# Just about done



## BillConnerFASTC (Aug 17, 2016)

Spent last couple of day on site - what should have been final check out but obviously not finished despite first show scheduled in two weeks. College, adaptive reuse of an earlier dinning hall/college union building to house drama department. 260+ seat thrust, 80-100 seat studio theatre, dressing, costume shop, scene shop, offices, lobbies, etc. I started snapping pictures of the piles of lighting and then just went on.


----------



## BillConnerFASTC (Aug 17, 2016)

And some more - guess there is a 10 photo limit. Studio theatre, dimmer, and control rooms


----------



## BillConnerFASTC (Aug 17, 2016)

costume shop, scene shop, and lobby


----------



## viking33 (Aug 18, 2016)

Whats the height of the ceiling in the shop? Seems pretty low to do two story sets.


----------



## BillConnerFASTC (Aug 18, 2016)

It is - remember adaptive reuse - I think about 12' in a zone near loading door to stage, enough for a wagon maybe 8 x 16' and probably not 9-10 in most areas after ducts and some unfortunate drain pipes.


----------



## Amiers (Aug 18, 2016)

Wonder what they are going to put on in two weeks and if the set will be made of boxes. Lol.


----------



## BillConnerFASTC (Aug 18, 2016)

In black box. I forgot name. Cast, built, and rehearsed end of spring semester. Student directed.


----------



## JohnD (Aug 18, 2016)

Very nice space, good re-use of existing structure.
I like the railing on the seating area but if Mike Holmes (Holmes on Homes) is correct, that would not be allowed in Canada. It seems that children love to climb up that kind of railing!.
It looks like the are using the PL-Cyc lights. It would be interesting to know how they work out. 
In the dimmer room, I see a Doug Fleenor DMX8DIM, curious what that controls. 
For the thrust stage is there a way to attach a floor cloth?


----------



## BillConnerFASTC (Aug 19, 2016)

Thank you. US regs prohibited guards that could be climbed but the removed that restriction. I don't know the substantiation for either. I was very pleased with pl cyc on a previous project, so should be good here, with 14' tall cyc and about 5'. DMX8DIM was for houselights with TVP retrofit lamp. Worked great on two previous projects. Lamp manufacturer changed and failed. Moving house lights to D20s and 29 watt quartz lamps. Stage floor is 3/4" plyron so not hard to attach to.


----------



## viking33 (Aug 19, 2016)

I've never seen the word so I looked it up. Is there a difference between plyron to MDO?


----------



## JohnD (Aug 19, 2016)

Plyron is from Olympic Panel.
http://www.olypanel.com/industrials.php
It is frequently used for stage decking.


----------



## BillConnerFASTC (Aug 19, 2016)

Yes - plyron is an APA product standard - available from three mills when I checked a month ago. It is basically plywood with outer veneers of 1/8" hardboard - tempered unless you order special. We use 3/4", 1/2 and 5/8 common, others reportedly available. I like it because the hardboard surface is very dimensionally stable. Screws on 24" centers. Usually over 1 1/8" ply subfloor, this is just on 1 x 4 sleepers 12" on center, because of existing conditions.


----------



## StradivariusBone (Aug 19, 2016)

BillConnerFASTC said:


> Thank you. US regs prohibited guards that could be climbed but the removed that restriction.

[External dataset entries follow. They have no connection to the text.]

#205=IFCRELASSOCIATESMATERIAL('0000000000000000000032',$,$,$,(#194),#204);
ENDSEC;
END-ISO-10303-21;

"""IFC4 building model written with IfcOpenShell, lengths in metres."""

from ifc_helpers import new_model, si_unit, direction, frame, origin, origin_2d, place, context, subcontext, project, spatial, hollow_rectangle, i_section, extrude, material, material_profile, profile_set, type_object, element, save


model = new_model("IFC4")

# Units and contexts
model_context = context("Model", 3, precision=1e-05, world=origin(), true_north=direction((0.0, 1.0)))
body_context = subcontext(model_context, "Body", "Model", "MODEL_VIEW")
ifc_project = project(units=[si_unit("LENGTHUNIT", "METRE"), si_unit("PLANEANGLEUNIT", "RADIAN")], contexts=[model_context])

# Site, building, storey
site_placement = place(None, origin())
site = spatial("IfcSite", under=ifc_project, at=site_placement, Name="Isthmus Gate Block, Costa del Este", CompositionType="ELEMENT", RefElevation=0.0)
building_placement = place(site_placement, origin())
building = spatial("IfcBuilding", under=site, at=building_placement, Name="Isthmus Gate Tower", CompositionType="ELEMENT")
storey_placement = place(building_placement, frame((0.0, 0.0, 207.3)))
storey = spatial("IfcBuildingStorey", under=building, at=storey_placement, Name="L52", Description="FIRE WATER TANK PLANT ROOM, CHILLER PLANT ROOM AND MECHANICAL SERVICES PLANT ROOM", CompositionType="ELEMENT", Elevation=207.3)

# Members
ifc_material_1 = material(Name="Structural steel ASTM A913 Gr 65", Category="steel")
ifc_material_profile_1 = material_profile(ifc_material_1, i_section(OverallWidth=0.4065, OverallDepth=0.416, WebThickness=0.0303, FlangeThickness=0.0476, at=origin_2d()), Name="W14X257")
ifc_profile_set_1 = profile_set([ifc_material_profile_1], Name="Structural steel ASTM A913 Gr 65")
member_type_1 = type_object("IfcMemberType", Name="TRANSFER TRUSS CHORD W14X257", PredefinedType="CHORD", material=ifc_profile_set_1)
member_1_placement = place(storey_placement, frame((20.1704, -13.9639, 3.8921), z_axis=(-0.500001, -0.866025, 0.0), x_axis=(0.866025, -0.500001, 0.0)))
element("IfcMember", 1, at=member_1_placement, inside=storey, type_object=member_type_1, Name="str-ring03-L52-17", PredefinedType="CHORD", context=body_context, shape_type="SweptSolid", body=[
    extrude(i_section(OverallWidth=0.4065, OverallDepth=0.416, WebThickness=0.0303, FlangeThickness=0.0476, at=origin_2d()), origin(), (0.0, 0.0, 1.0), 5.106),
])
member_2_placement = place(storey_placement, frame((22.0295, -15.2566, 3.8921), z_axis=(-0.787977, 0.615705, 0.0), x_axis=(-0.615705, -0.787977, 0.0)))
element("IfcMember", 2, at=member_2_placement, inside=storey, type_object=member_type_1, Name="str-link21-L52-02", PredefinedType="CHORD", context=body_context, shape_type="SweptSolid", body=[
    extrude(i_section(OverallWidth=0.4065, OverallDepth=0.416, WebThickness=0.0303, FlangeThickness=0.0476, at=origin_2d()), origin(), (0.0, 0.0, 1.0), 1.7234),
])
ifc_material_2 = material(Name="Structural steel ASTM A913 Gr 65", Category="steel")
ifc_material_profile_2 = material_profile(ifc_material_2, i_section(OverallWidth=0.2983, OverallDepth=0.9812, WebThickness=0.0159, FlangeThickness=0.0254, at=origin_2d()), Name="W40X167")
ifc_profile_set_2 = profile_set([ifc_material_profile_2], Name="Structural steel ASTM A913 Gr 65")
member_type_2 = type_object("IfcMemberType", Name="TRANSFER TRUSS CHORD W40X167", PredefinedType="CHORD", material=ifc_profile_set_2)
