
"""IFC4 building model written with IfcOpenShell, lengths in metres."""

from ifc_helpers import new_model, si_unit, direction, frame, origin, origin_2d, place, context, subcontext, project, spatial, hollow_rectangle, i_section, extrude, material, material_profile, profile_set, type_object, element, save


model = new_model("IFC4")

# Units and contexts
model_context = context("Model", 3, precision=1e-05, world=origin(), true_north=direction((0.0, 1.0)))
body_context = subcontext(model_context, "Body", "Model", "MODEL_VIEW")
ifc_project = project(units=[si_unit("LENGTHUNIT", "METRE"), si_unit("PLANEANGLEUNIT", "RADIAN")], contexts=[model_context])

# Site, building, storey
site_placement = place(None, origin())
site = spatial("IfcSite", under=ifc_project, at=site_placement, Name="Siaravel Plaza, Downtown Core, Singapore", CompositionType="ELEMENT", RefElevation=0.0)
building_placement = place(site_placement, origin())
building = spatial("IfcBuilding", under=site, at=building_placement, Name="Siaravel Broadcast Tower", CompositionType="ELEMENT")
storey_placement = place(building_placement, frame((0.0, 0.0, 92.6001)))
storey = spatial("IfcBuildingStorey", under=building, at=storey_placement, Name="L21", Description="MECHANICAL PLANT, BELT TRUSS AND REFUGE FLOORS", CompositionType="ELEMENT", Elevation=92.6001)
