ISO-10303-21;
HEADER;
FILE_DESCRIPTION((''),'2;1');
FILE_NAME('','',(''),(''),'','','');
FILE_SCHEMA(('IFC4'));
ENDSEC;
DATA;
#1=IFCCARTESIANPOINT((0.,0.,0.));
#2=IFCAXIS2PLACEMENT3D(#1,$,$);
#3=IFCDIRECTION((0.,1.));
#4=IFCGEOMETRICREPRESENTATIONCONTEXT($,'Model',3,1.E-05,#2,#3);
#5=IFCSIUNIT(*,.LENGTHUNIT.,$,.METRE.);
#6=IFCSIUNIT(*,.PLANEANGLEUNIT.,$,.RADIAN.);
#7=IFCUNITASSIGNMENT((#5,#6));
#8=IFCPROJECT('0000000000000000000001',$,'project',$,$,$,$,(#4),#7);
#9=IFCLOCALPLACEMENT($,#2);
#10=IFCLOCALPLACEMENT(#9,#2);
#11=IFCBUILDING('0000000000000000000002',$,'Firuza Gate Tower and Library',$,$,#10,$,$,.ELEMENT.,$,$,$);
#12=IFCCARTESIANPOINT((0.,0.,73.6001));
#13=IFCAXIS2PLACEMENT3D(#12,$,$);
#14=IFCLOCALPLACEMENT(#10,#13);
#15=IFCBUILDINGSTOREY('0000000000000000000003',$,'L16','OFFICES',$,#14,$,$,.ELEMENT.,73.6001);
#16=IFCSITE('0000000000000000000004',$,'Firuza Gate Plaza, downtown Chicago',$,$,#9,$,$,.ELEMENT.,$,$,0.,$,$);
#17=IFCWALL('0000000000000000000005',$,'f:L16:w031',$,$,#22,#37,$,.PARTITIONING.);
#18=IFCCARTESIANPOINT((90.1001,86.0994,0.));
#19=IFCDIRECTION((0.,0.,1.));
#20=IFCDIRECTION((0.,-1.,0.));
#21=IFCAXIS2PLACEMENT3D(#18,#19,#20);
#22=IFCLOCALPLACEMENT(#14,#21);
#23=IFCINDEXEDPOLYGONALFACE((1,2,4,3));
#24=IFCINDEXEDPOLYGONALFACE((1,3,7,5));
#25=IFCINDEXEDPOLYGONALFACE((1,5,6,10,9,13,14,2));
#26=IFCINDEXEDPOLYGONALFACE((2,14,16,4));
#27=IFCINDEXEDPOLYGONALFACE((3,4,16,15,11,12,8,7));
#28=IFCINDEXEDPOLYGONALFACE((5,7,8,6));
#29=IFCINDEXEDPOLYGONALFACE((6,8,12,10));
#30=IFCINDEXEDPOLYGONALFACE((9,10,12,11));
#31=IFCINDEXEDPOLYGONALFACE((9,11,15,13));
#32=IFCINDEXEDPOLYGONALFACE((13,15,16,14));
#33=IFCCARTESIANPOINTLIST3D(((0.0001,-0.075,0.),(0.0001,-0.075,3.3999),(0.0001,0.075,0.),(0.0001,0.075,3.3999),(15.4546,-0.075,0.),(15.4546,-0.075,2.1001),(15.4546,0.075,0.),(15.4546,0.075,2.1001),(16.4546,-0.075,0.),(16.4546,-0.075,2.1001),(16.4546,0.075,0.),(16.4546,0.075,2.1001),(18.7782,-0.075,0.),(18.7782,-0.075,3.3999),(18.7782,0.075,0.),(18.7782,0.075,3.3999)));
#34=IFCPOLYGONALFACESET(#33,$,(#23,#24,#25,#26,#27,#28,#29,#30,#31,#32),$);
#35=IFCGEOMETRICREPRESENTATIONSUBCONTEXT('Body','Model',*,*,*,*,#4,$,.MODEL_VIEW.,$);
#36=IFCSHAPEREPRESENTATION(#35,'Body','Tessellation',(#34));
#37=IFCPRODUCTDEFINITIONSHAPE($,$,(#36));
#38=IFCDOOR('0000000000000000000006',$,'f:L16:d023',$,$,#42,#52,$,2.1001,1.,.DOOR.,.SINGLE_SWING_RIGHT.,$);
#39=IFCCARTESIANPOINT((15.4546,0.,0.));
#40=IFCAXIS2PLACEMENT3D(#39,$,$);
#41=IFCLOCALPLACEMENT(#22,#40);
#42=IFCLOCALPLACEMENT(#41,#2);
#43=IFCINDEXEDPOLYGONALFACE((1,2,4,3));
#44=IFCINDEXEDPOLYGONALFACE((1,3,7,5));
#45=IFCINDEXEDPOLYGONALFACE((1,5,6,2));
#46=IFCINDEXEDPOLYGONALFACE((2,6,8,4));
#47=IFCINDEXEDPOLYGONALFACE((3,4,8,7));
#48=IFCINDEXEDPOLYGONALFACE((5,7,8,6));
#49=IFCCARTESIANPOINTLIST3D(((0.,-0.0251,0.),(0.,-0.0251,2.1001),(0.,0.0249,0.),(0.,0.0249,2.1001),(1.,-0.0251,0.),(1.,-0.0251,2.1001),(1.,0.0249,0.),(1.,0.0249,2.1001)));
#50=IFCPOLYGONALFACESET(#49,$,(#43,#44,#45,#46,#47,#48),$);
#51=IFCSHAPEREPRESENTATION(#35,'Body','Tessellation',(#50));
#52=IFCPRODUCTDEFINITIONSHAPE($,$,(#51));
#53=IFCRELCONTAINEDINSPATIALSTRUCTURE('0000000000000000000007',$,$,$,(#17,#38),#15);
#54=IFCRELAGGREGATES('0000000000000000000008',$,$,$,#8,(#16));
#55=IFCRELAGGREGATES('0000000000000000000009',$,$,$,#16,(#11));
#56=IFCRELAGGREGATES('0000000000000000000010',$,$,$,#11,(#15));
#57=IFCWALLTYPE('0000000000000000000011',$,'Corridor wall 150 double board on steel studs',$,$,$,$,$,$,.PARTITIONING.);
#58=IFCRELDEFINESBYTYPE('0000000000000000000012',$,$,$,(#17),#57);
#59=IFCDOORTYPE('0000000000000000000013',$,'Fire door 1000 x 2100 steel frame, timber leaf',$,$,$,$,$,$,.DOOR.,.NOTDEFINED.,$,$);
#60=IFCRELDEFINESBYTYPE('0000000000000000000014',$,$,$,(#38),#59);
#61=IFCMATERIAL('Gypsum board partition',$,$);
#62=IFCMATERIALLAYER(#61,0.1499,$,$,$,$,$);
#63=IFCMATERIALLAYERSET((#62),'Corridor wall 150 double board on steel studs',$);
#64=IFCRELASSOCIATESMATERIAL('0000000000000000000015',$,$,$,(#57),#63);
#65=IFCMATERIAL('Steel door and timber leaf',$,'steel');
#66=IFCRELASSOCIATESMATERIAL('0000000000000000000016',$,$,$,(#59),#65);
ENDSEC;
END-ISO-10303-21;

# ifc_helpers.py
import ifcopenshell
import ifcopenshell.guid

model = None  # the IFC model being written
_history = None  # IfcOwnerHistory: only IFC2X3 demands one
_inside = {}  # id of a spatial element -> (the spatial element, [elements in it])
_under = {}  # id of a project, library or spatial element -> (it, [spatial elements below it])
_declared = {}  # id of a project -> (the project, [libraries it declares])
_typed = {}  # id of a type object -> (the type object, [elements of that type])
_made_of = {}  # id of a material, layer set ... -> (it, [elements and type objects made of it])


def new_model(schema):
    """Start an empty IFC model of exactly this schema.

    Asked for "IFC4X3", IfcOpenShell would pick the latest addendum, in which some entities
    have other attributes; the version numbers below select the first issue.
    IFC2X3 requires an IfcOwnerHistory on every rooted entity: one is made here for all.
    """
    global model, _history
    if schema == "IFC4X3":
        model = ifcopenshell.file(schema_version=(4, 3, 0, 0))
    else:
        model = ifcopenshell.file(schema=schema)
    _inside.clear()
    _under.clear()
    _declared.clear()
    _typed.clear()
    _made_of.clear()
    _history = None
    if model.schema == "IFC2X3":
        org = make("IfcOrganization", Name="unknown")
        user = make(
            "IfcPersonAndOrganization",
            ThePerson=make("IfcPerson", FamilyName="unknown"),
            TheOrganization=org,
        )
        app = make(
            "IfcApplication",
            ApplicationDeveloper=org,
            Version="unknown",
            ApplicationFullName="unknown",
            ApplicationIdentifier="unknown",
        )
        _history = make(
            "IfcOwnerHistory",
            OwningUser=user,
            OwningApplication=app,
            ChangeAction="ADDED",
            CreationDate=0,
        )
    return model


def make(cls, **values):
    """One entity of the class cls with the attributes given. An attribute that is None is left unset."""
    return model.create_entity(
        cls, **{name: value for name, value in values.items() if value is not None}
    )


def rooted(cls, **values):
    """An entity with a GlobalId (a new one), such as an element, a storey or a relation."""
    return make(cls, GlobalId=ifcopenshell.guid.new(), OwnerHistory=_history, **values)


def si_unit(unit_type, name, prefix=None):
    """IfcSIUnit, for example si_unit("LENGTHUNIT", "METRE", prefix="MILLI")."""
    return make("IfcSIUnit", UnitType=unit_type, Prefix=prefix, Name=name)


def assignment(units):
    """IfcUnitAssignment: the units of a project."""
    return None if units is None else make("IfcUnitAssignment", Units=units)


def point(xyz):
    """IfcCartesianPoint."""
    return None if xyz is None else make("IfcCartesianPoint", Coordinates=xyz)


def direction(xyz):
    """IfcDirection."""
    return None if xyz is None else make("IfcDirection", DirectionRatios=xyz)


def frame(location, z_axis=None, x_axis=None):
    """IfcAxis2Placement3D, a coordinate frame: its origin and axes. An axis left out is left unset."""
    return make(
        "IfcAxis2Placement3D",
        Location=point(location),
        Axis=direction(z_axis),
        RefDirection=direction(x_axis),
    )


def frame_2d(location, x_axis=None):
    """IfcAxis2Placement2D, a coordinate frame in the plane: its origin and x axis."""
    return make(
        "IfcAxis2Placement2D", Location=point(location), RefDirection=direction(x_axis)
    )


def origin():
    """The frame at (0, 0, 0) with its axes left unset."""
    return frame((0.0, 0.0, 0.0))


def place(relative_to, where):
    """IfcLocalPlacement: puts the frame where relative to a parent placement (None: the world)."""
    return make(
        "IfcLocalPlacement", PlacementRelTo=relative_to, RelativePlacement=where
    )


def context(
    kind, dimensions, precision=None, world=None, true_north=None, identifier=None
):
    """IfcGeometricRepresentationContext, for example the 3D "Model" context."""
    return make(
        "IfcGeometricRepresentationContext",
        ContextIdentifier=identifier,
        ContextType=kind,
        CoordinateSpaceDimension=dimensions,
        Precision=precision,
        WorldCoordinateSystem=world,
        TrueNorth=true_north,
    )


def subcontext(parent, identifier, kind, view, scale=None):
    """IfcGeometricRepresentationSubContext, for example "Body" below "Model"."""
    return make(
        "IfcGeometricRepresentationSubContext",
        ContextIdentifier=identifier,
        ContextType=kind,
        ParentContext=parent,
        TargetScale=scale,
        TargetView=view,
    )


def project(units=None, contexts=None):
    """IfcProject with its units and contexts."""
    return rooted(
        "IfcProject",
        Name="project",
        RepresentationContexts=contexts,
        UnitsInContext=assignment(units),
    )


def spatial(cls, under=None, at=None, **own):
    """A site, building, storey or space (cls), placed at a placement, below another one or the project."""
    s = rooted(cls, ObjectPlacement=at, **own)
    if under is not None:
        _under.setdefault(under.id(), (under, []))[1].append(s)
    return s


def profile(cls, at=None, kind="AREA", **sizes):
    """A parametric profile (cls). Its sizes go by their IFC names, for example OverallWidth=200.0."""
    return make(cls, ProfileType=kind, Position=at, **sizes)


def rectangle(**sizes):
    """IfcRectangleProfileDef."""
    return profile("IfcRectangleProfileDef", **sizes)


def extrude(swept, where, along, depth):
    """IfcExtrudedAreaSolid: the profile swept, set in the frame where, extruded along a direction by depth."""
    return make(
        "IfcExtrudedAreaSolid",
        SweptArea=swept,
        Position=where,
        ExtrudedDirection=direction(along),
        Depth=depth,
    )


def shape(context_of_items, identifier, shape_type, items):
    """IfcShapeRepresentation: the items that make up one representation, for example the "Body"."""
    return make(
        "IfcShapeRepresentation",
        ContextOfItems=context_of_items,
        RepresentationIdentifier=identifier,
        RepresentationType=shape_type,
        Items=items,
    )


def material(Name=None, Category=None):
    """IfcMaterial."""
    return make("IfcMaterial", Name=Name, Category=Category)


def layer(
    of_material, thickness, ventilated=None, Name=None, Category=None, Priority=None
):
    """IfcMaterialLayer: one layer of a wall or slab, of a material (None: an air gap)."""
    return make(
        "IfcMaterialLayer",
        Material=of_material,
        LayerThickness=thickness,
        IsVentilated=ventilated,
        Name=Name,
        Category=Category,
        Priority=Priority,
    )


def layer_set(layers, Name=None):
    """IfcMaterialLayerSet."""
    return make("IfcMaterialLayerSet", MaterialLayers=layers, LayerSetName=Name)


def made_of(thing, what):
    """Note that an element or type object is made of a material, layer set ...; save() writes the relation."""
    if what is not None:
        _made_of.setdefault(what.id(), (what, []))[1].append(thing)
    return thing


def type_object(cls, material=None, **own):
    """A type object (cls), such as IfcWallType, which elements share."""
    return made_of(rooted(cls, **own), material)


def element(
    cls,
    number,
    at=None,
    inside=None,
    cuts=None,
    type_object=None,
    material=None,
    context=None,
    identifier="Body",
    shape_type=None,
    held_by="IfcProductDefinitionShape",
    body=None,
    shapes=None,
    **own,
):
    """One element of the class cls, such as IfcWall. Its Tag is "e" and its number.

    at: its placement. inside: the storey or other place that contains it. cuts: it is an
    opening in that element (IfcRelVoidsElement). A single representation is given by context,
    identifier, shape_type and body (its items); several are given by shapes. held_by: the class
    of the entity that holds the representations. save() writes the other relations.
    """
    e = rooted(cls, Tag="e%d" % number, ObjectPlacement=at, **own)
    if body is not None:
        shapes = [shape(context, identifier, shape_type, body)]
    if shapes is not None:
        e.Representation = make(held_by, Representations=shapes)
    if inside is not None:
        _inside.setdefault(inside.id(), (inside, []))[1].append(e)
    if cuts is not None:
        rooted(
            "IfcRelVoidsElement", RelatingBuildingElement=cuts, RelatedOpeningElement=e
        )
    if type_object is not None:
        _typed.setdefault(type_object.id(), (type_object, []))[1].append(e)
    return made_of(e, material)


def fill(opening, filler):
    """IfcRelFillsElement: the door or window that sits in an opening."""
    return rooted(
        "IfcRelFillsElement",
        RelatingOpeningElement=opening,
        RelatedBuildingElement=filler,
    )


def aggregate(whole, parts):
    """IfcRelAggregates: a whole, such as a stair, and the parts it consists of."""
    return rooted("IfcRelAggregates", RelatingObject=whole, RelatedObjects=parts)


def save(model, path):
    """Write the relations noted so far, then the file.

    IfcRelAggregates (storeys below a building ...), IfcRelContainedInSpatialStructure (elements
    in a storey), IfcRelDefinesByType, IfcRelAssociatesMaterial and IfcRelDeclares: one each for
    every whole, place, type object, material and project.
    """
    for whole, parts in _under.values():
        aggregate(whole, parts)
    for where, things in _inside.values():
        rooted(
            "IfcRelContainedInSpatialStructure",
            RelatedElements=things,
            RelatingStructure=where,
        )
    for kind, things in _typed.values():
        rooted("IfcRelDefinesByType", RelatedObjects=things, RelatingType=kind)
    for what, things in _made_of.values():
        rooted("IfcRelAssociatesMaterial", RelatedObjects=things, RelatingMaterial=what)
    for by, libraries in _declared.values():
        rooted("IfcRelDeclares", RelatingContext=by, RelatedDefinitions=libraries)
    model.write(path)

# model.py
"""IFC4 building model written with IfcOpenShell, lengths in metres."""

from ifc_helpers import new_model, si_unit, direction, frame, frame_2d, origin, place, context, subcontext, project, spatial, rectangle, extrude, material, layer, layer_set, type_object, element, fill, save


model = new_model("IFC4")

# Units and contexts
model_context = context("Model", 3, precision=1e-05, world=origin(), true_north=direction((0.0, 1.0)))
body_context = subcontext(model_context, "Body", "Model", "MODEL_VIEW")
ifc_project = project(units=[si_unit("LENGTHUNIT", "METRE"), si_unit("PLANEANGLEUNIT", "RADIAN")], contexts=[model_context])

# Site, building, storey
site_placement = place(None, origin())
site = spatial("IfcSite", under=ifc_project, at=site_placement, Name="Firuza Gate Plaza, downtown Chicago", CompositionType="ELEMENT", RefElevation=0.0)
building_placement = place(site_placement, origin())
building = spatial("IfcBuilding", under=site, at=building_placement, Name="Firuza Gate Tower and Library", CompositionType="ELEMENT")
storey_placement = place(building_placement, frame((0.0, 0.0, 73.6001)))
storey = spatial("IfcBuildingStorey", under=building, at=storey_placement, Name="L16", Description="OFFICES", CompositionType="ELEMENT", Elevation=73.6001)

# Wall, opening, door
ifc_material_1 = material(Name="Gypsum board partition")
ifc_layer_1 = layer(ifc_material_1, 0.1499)
ifc_layer_set_1 = layer_set([ifc_layer_1], Name="Corridor wall 150 double board on steel studs")
wall_type_1 = type_object("IfcWallType", Name="Corridor wall 150 double board on steel studs", PredefinedType="PARTITIONING", material=ifc_layer_set_1)
wall_1_placement = place(storey_placement, frame((90.1001, 86.0994, 0.0), z_axis=(0.0, 0.0, 1.0), x_axis=(0.0, -1.0, 0.0)))
wall_1 = element("IfcWall", 1, at=wall_1_placement, inside=storey, type_object=wall_type_1, Name="f:L16:w031", PredefinedType="PARTITIONING", context=body_context, shape_type="SweptSolid", body=[
    extrude(rectangle(XDim=18.7781, YDim=0.1499, at=frame_2d((9.3892, 0.0))), origin(), (0.0, 0.0, 1.0), 3.3999),
])
opening_1_placement = place(wall_1_placement, frame((15.4546, 0.0, 0.0)))
opening_1 = element("IfcOpeningElement", 2, at=opening_1_placement, cuts=wall_1, PredefinedType="OPENING", context=body_context, shape_type="SweptSolid", body=[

There are such things as guard rails that _can't_ be climbed? As a parent of a five-year-old I have yet to discover anything that even closely resembles such a thing. It seems akin to the anti-squirrel bird feeder industry. 

Potential thread hijack aside, very cool project! It looks great, Bill!


----------



## BillConnerFASTC (Aug 19, 2016)

Well, harder to climb. Imagine a 42" solid wall versus a 42" high guard with horizontal rungs every 5". Both are permitted, one is easier to climb - for me at least.


----------